You can change a WAN publisher’s state by clicking the Change State dropdown button on top right corner of the WAN Publisher Table.

WAN Sync

You can initiate a synchronization operation on an IMap for a specific target cluster. This operation is useful if two remote clusters lost their synchronization due to WAN queue overflow or in restart scenarios.

Hazelcast provides the following synchronization options:

  1. Default WAN synchronization operation: It sends all the data of an IMap to a target cluster to align the state of target IMap with the source IMap. See Synchronizing WAN Clusters for more information.

  2. WAN synchronization using Merkle trees: To initiate this type of synchronization, you need to configure the cluster members. See the Delta WAN Synchronization section in Hazelcast documentation for details about configuring them. Make sure you meet all the requirements to use Delta WAN Synchronization and do the configuration on both the source and target clusters.

To initiate WAN Sync, open the WAN Replication menu item on the left and navigate to the Sync tab.

WAN Sync Tab

Select Endpoint(replication config), Target(publisher), and one or many Maps and click Sync to start the operation.

WAN Sync Config

You can also use the "Select All" option in the Maps dropdown if you want to synchronize all the maps in source and target cluster.
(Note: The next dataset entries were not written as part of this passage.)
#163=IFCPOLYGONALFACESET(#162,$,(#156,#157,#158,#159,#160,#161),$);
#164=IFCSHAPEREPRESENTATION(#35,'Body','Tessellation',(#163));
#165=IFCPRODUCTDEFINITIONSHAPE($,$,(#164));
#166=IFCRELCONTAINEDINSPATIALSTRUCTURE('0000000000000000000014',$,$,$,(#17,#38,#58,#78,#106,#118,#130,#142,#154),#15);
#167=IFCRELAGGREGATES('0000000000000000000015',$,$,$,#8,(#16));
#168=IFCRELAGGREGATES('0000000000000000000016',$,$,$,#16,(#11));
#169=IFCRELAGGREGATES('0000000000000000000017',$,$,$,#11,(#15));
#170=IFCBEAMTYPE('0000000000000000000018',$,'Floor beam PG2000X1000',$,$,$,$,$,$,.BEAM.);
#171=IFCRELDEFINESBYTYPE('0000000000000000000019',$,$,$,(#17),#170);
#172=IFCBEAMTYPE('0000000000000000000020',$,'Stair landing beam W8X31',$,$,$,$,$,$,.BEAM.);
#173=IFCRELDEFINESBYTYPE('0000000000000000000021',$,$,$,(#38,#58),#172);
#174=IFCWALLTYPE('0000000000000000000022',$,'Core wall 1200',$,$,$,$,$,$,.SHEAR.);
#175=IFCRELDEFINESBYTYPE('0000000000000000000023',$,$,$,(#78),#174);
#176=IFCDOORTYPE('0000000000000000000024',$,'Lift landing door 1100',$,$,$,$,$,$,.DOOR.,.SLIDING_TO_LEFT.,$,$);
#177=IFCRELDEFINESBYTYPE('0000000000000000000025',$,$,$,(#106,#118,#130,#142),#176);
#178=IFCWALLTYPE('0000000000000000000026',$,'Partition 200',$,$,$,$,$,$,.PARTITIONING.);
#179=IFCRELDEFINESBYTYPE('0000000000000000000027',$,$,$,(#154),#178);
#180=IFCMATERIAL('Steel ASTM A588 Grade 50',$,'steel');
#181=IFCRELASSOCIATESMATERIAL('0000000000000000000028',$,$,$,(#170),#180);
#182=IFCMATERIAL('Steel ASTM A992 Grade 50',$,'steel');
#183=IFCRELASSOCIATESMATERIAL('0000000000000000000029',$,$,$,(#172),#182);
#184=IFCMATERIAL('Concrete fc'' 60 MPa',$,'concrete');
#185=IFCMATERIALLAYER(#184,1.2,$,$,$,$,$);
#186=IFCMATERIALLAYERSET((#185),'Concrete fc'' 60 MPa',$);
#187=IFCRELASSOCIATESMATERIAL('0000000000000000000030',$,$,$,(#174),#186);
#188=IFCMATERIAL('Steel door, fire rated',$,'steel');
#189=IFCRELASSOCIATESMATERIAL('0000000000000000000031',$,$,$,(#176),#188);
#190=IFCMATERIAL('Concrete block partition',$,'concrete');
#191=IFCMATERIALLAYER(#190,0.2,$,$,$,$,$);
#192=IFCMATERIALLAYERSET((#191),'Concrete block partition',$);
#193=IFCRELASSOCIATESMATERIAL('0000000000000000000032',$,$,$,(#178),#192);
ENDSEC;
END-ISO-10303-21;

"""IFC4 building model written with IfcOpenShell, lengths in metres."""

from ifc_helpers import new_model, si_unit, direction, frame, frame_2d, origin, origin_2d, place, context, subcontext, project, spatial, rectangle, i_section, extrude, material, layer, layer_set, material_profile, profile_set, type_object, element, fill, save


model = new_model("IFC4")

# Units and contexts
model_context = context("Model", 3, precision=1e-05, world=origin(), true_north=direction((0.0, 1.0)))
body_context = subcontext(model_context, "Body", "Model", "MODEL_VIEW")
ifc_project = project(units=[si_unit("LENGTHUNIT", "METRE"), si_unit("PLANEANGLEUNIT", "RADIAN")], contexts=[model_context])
You can see the WAN Sync status entry in the table below once you initiate the sync:

WAN Sync Operation

You can see the progress of the sync if you click on See details:

WAN Consistency Check

You can check if an IMap is in sync with a specific target cluster. Configure the same options as for the WAN Sync and click CHECK to start the operation.
You can see the WAN Sync status entry in the table below once you initiate the sync:

WAN Consistency Check Operation

You can see the details of the consistency check if you click on See details:

WAN Consistency Check Progress

You need to use Merkle trees for WAN synchronization to be able to check for the consistency between two clusters. You need to configure the Merkle trees on both the source and target clusters. If you do not configure it for the source cluster, consistency check is ignored. If it’s enabled for the source cluster but not for the target cluster, all entries are reported as if they need a sync because a sync operation will be a full sync in the absence of Merkle trees.

WAN Consistency Check Ignored

Add Temporary WAN Replication Configuration

You can add a temporary WAN replication configuration dynamically to a cluster. It is useful for having one-off WAN sync operations. The added configuration has two caveats:

  • It is not persistent, so it does not survive a member restart.
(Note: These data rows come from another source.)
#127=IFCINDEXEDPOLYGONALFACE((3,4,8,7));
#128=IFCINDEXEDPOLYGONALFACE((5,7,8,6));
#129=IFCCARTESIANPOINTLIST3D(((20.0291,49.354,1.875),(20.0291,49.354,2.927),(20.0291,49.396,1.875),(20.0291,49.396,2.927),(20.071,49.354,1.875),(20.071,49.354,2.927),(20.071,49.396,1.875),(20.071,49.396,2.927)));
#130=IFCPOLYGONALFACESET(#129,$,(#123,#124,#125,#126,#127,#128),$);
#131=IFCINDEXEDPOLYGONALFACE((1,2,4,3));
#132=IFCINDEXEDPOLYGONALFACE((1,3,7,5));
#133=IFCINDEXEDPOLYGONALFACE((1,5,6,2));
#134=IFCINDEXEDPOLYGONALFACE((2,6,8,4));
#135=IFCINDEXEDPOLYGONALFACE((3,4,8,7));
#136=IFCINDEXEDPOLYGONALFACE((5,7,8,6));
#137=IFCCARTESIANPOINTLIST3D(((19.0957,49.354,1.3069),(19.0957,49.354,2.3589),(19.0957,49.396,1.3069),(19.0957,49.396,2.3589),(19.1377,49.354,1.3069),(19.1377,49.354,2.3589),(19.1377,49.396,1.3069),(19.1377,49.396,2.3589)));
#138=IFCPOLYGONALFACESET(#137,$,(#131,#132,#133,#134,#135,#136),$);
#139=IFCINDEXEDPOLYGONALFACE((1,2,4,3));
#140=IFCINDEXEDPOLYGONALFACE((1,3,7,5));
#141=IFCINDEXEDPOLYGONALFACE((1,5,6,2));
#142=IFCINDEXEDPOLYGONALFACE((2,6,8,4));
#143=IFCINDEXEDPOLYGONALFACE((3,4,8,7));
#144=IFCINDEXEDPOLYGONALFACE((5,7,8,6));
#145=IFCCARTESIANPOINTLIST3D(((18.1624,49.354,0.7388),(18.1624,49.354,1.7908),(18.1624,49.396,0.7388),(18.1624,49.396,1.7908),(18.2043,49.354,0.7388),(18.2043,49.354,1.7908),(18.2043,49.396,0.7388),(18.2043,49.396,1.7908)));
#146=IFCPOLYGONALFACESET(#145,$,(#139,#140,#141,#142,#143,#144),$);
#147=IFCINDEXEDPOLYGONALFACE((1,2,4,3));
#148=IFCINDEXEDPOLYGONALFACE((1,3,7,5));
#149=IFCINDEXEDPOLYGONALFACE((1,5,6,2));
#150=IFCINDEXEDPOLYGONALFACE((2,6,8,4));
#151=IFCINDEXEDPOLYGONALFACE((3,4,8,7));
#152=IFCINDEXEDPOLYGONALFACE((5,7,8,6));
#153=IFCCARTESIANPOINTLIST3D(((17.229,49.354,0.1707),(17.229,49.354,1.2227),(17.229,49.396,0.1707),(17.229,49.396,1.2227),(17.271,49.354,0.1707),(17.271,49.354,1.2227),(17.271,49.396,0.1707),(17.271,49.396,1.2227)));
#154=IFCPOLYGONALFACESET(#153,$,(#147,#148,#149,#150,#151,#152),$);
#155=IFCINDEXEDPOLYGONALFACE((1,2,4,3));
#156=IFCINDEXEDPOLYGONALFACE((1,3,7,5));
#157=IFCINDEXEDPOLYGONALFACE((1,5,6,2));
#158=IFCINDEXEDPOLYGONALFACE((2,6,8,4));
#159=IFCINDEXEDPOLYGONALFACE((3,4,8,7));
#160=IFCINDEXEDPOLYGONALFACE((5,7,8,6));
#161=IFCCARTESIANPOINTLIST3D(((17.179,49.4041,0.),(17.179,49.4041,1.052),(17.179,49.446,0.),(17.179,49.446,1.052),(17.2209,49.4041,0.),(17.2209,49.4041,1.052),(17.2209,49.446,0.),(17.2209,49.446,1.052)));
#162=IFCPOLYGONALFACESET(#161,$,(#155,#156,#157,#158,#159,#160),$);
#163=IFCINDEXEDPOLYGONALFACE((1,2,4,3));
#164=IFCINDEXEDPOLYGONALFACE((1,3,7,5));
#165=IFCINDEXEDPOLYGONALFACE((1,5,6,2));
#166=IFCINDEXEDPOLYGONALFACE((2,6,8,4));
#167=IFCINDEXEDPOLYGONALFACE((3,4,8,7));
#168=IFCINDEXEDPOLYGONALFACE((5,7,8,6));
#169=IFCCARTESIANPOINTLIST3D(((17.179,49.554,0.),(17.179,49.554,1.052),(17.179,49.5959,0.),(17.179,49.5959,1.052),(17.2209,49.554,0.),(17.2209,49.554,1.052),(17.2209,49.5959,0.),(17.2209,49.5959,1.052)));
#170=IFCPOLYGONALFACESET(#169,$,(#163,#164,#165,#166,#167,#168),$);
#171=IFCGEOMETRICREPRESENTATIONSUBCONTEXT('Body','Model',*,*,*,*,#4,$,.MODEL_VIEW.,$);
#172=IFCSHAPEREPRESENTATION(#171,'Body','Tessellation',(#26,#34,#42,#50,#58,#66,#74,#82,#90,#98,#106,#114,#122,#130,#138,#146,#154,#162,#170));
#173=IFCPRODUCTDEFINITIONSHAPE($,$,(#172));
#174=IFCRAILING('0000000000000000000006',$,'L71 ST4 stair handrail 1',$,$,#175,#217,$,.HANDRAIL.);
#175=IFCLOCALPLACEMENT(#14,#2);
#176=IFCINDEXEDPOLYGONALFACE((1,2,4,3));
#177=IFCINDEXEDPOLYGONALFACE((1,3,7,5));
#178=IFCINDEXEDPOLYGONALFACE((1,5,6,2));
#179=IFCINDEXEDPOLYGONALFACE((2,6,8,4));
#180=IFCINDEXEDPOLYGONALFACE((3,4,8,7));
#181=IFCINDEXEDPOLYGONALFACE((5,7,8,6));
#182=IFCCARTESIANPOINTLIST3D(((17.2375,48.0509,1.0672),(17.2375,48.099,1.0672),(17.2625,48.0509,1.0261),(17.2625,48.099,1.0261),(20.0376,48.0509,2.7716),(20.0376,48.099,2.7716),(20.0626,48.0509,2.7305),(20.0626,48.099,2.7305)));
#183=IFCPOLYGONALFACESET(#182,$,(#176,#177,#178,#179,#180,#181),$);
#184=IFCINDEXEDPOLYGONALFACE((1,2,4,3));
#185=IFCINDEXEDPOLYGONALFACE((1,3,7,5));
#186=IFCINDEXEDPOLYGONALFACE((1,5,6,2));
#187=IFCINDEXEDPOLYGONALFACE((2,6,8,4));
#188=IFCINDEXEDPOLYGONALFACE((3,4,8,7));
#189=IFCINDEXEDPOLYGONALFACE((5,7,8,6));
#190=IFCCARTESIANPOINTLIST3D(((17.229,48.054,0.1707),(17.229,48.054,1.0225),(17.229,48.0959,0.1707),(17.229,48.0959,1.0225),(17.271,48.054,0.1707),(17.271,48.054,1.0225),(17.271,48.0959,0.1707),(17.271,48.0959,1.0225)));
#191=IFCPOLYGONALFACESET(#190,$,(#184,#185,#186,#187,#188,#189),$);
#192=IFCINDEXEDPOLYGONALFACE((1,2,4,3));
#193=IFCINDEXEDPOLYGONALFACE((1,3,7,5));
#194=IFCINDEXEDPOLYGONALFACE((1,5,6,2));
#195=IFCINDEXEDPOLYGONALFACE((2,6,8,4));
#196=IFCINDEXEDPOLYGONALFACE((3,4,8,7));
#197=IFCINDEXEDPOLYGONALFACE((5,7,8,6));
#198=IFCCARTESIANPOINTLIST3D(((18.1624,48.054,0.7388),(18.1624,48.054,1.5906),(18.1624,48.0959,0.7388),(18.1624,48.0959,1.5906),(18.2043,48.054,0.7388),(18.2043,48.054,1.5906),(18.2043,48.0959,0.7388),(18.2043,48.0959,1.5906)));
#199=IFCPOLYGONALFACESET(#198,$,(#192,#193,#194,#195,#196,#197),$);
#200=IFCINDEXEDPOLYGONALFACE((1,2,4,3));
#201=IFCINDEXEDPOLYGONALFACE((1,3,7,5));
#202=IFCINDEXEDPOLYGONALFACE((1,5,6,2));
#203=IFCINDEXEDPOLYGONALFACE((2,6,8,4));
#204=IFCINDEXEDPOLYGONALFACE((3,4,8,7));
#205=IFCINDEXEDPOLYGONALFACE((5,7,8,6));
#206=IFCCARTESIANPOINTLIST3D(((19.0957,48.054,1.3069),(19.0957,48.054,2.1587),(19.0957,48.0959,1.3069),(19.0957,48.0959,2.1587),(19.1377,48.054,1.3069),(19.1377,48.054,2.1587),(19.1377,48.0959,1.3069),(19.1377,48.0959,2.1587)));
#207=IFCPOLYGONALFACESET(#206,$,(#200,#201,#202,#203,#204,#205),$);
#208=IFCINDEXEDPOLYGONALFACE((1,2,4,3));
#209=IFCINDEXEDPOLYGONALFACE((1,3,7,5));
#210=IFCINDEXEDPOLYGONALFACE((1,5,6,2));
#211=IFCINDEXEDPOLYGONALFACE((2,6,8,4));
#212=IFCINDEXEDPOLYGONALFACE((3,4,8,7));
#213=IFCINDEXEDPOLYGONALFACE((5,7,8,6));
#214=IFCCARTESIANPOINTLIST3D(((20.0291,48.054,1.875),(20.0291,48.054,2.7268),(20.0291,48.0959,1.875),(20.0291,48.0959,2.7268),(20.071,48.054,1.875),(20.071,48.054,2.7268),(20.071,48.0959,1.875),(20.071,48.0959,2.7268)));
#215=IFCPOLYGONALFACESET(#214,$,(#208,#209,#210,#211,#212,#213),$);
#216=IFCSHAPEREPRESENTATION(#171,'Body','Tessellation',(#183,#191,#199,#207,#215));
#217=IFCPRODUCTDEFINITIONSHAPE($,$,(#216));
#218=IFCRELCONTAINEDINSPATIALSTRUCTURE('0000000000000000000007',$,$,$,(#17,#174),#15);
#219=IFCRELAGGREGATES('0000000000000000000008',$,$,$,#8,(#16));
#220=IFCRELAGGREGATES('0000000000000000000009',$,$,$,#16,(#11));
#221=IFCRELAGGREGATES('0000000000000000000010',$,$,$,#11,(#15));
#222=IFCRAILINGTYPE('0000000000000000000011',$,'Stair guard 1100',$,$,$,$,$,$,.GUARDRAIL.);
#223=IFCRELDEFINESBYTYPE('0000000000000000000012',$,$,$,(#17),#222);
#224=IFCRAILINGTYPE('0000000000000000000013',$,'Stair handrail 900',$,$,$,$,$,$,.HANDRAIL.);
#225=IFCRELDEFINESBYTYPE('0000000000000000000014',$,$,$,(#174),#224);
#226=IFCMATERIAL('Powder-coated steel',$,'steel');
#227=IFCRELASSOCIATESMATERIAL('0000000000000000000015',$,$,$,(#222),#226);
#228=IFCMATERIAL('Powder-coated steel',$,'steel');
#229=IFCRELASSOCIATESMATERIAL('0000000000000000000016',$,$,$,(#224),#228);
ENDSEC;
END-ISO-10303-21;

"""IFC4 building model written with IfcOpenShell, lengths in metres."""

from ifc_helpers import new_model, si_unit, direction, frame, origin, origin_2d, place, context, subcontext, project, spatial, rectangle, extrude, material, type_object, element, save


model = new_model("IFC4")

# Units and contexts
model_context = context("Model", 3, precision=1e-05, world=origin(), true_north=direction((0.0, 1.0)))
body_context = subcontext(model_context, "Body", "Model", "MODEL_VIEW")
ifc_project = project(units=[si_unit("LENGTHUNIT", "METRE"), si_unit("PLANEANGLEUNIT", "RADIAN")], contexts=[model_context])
  • It cannot be used as a target for regular WAN replication. It can only be used for WAN sync.

Add Temporary WAN Replication Configuration

See the WAN Replication section in Hazelcast documentation for details about the fields and their possible values.

After clicking the ADD CONFIGURATION button, the new WAN replication configuration is added to the cluster. You can see the new configuration when you try to initiate a WAN sync operation as described in the previous section.